Die Musik, komponiert vom französischen Duo Clément Ducol und Camille, unterstreicht diesen Kontrast mit einer Mischung aus Chansons, perkussiven Latino-Rhythmen und orchestralen Klangwelten. Besonders beeindruckend ist, wie Audiard diese musikalischen Elemente nutzt, um die inneren Welten nheit seiner Figuren greifbar zu machen. Immer wieder gelingen der Inszenierung großartige Musical-Einlagen, die nachwirken, bei denen man im Grunde direkt mitsingen kann und trotz aller visuellen Opulenz sind die Texte nicht trivial.

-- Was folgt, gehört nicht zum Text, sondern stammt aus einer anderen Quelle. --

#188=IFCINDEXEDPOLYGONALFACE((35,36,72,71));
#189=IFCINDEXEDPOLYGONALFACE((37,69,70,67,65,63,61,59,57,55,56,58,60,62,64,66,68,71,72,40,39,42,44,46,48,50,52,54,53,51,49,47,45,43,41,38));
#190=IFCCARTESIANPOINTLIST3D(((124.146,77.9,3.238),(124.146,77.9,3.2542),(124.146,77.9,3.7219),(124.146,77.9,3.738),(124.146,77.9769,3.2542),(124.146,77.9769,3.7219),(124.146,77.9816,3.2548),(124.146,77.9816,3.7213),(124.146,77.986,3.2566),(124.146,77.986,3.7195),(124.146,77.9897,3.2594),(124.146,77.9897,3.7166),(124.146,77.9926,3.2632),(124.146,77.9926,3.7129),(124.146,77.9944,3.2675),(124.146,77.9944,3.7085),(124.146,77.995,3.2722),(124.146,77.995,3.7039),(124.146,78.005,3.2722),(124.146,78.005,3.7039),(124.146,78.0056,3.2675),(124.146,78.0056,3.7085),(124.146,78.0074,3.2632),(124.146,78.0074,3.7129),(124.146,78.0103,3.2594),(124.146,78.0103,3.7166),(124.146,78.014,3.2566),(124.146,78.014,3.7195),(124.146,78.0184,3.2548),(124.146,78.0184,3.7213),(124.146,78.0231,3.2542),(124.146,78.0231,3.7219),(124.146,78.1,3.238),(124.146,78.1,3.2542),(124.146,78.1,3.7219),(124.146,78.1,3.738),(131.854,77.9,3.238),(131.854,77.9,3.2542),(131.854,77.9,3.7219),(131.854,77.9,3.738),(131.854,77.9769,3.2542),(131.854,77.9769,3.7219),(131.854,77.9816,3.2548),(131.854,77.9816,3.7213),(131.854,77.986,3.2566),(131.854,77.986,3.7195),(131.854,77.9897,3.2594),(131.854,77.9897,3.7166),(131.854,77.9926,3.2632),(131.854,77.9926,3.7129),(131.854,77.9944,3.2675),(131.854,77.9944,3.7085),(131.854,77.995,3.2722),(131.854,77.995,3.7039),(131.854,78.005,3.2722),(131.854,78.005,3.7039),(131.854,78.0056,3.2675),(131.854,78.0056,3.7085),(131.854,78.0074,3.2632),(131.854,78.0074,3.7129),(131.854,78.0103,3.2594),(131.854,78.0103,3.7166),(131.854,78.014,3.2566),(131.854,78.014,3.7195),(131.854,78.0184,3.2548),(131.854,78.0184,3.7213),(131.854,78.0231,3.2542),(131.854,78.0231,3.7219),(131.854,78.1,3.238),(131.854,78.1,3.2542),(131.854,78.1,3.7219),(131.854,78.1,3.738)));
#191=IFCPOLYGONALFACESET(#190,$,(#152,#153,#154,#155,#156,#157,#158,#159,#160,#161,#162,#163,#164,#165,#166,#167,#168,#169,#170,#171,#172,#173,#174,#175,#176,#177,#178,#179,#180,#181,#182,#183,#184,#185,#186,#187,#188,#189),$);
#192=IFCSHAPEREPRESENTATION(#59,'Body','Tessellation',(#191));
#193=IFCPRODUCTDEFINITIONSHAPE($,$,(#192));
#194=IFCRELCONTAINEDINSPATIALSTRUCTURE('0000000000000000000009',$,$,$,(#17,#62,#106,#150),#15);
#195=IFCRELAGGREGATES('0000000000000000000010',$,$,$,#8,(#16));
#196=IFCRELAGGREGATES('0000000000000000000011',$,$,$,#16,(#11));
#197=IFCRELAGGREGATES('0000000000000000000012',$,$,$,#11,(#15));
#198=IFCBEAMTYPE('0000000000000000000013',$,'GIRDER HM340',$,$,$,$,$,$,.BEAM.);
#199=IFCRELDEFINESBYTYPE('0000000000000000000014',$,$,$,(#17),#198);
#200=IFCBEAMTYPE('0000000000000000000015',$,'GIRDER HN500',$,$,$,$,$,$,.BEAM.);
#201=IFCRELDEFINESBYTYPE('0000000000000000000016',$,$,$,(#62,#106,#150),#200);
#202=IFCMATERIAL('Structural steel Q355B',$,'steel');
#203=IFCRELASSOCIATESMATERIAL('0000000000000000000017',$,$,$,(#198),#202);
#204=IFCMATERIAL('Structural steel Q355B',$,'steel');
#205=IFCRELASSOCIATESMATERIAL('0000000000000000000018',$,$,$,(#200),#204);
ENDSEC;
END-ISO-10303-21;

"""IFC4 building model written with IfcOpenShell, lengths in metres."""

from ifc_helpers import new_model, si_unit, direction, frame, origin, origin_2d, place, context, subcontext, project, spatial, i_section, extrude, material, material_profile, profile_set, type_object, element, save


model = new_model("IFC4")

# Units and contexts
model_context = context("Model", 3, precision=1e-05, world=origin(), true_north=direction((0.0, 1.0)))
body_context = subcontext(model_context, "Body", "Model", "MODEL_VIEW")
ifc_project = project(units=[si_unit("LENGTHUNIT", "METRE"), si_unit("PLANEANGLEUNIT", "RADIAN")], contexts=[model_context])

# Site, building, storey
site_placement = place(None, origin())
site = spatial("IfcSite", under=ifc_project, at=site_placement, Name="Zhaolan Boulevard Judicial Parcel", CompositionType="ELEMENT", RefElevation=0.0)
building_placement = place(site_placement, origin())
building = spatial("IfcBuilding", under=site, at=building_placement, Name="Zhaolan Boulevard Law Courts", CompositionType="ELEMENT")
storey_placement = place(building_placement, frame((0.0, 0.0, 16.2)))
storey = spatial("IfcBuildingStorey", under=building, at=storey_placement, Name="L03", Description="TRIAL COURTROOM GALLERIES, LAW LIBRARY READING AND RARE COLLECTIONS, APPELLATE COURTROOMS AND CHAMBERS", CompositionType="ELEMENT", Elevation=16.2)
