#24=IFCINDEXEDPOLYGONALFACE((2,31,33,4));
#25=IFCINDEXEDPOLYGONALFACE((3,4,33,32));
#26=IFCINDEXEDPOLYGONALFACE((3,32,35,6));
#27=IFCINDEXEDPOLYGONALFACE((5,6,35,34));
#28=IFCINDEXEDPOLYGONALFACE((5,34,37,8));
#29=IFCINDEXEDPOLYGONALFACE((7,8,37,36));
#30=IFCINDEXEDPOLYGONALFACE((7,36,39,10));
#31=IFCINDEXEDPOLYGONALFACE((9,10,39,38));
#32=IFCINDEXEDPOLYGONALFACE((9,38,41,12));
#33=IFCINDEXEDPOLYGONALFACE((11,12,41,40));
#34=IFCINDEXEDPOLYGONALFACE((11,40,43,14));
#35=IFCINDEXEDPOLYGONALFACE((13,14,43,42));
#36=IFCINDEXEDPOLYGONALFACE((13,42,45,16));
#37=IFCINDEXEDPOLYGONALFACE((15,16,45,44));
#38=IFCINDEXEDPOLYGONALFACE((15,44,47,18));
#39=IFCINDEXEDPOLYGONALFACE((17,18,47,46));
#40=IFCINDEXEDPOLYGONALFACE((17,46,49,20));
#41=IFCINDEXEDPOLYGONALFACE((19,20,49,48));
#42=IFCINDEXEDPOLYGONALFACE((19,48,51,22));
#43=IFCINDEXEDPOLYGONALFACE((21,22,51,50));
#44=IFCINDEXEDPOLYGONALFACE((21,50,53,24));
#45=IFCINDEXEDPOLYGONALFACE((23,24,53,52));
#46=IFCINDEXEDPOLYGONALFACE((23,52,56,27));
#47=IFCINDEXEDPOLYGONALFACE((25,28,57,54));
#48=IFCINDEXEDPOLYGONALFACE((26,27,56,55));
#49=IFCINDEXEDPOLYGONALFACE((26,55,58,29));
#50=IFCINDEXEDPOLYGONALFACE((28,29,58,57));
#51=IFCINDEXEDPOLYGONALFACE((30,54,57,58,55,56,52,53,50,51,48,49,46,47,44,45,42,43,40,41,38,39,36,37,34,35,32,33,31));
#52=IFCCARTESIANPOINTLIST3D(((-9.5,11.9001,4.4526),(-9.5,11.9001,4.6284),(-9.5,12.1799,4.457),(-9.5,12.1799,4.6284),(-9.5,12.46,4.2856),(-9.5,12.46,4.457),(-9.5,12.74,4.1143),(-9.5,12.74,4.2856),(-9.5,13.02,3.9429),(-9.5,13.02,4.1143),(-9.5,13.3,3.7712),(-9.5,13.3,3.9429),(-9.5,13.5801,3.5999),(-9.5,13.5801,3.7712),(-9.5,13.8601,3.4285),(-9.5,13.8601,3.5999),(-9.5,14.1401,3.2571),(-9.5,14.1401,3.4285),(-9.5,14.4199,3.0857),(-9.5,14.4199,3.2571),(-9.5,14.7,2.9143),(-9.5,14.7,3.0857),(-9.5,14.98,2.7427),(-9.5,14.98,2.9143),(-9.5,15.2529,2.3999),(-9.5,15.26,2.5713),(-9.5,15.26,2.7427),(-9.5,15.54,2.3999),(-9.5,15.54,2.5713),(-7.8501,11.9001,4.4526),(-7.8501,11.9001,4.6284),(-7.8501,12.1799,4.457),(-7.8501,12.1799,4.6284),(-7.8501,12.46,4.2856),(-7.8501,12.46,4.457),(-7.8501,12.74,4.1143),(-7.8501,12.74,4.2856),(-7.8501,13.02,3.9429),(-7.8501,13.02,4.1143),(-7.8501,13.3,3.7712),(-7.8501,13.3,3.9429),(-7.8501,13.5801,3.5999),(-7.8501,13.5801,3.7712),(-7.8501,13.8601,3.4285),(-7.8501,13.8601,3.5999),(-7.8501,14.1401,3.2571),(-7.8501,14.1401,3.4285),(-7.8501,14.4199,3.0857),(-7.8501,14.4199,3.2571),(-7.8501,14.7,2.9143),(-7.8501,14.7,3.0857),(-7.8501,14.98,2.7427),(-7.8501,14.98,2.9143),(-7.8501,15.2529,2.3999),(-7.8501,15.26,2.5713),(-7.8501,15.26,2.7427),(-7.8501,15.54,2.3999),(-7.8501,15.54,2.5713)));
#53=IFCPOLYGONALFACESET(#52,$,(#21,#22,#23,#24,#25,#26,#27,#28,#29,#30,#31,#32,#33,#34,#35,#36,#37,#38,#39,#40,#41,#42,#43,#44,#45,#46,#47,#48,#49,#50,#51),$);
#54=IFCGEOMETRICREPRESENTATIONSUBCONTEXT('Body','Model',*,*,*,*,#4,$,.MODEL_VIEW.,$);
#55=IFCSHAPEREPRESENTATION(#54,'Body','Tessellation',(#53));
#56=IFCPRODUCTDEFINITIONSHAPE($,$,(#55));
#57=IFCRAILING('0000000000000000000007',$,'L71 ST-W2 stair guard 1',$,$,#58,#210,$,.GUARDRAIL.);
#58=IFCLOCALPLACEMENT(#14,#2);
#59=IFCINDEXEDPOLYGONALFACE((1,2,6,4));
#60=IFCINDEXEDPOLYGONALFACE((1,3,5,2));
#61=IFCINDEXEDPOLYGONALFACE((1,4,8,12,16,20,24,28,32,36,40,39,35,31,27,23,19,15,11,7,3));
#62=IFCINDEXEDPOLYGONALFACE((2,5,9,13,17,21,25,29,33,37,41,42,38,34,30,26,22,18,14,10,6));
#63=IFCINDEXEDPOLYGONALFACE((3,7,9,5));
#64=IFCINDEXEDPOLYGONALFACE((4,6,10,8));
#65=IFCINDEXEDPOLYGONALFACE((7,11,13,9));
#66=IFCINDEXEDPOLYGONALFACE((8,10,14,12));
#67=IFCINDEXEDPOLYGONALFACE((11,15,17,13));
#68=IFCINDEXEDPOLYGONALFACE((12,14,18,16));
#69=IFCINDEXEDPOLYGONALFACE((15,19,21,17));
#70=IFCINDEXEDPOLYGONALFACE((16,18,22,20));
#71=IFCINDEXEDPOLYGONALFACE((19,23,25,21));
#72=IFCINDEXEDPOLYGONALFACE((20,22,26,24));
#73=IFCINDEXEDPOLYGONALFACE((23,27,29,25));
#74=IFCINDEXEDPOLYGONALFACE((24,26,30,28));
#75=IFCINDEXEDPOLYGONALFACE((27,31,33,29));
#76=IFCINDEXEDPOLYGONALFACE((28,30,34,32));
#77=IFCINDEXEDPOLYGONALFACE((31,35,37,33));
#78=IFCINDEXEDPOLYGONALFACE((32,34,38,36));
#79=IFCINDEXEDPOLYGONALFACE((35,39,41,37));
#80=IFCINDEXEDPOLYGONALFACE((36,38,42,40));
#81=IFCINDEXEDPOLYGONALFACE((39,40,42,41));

Die Besetzung von „Emilia Pérez“ ist zweifellos dabei eine der größten Stärken des Films. Karla Sofía Gascón verleiht der titelgebenden Figur eine beeindruckende Präsenz, die sowohl Verletzlichkeit als auch Entschlossenheit ausdrückt. Ihre Darstellung balanciert geschickt zwischen der Überzeichnung des Musical-Genres und einer tief empfundenen Authentizität. Zoe Saldaña als Anwältin Rita, die sich widerwillig auf Emilias Seite schlägt, liefert eine ebenso einnehmende Darstellung und auch Selena Gomez kann ihre Figur in den wenigen Szenen sehr nuanciert in ihrer Ambivalenz hervorbringen.
Vor allem haben die drei Schauspielerinnen auch sehr unterschiedliche und ungemein passende Stimmfarben, die sich perfekt ergänzen und den Film mit ihren gesanglichen Einlagen beeindruckend tragen. Während man von Selena Gomez bereits wusste, dass sie gut singen kann, stechen gerade auch Karla Sofía Gascón und nicht zuletzt Zoe Saldaña heraus, die nach den „Avatar“- und „Guardians of the Galaxy“-Filmen ohne blaue bzw. grüne Alien-Kostümierung voll aus sich herausgeht und eine durchweg preiswürdige Performance abliefert.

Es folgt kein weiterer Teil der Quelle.